Generate a set of random two-dimensional points and draw the Euclidean minimum spanning tree.

 > $\mathrm{with}\left(\mathrm{GraphTheory}\right):$
 > $\mathrm{with}\left(\mathrm{GeometricGraphs}\right):$
 > $\mathrm{points}≔\mathrm{LinearAlgebra}:-\mathrm{RandomMatrix}\left(60,2,\mathrm{generator}=0..100.,\mathrm{datatype}=\mathrm{float}\left[8\right]\right)$
 ${\mathrm{points}}{≔}\begin{array}{c}\left[\begin{array}{cc}{9.85017697341803}& {82.9750304386195}\\ {86.0670183749663}& {83.3188659363996}\\ {64.3746795546741}& {73.8671607639673}\\ {57.3670557294666}& {2.34399775883031}\\ {23.6234264844933}& {52.6873367387328}\\ {47.0027547350003}& {22.2459488367552}\\ {74.9213491558963}& {62.0471820220718}\\ {92.1513434709073}& {96.3107262637080}\\ {48.2319624355944}& {63.7563267144141}\\ {90.9441877431805}& {33.8527464913022}\\ {⋮}& {⋮}\end{array}\right]\\ \hfill {\text{60 × 2 Matrix}}\end{array}$ (1)
 > $\mathrm{EMST}≔\mathrm{EuclideanMinimumSpanningTree}\left(\mathrm{points}\right)$
 ${\mathrm{EMST}}{≔}{\mathrm{Graph 1: an undirected weighted graph with 60 vertices and 59 edge\left(s\right)}}$ (2)
 > $\mathrm{DrawGraph}\left(\mathrm{EMST}\right)$
 > $\mathrm{DrawGraph}\left(\mathrm{EuclideanMinimumSpanningTree}\left(\mathrm{points},\mathrm{method}=\mathrm{Prim}\right)\right)$

Now draw the rectilinear minimum spanning tree (corresponding to the 1-norm) on the same data.
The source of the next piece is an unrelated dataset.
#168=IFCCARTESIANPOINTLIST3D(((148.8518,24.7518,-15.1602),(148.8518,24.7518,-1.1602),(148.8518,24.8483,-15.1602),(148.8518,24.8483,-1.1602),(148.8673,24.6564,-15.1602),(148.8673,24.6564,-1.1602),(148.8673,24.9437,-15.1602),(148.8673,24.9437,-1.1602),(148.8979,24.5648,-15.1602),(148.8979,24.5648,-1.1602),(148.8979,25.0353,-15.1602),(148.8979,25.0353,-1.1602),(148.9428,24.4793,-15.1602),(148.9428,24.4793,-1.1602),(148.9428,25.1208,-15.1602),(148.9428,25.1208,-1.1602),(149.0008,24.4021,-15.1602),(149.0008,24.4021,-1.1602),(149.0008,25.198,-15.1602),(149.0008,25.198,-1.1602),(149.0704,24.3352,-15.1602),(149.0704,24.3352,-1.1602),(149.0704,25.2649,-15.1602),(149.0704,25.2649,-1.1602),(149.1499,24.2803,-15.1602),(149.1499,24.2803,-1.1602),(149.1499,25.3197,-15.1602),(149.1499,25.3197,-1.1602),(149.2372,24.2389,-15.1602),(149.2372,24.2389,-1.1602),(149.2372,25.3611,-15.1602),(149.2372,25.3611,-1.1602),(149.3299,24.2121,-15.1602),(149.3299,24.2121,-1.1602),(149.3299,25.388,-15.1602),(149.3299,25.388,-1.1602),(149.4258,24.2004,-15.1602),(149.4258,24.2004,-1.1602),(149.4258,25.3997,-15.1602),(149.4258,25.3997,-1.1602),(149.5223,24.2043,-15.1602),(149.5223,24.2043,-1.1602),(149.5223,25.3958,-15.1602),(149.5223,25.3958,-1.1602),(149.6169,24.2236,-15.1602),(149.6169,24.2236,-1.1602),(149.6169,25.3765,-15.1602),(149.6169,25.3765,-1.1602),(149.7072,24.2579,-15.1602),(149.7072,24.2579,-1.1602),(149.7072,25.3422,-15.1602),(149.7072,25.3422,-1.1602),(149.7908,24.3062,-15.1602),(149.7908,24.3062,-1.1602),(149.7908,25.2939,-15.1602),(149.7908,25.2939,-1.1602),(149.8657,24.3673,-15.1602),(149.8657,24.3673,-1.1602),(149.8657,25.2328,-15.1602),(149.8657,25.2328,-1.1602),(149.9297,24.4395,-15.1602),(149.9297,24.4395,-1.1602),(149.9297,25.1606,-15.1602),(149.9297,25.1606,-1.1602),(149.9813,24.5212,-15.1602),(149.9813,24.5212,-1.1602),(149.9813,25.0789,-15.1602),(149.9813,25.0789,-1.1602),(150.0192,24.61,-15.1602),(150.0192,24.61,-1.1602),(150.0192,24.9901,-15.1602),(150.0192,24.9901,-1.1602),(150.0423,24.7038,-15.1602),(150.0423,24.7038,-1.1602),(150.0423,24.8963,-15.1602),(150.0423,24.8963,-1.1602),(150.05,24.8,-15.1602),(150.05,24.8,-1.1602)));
 > $\mathrm{RMST}≔\mathrm{GeometricMinimumSpanningTree}\left(\mathrm{points},1\right)$
 ${\mathrm{RMST}}{≔}{\mathrm{Graph 2: an undirected weighted graph with 60 vertices and 59 edge\left(s\right)}}$ (3)
 > $\mathrm{DrawGraph}\left(\mathrm{RMST}\right)$

Compatibility

 • The GraphTheory[GeometricGraphs][EuclideanMinimumSpanningTree] and GraphTheory[GeometricGraphs][GeometricMinimumSpanningTree] commands were introduced in Maple 2020.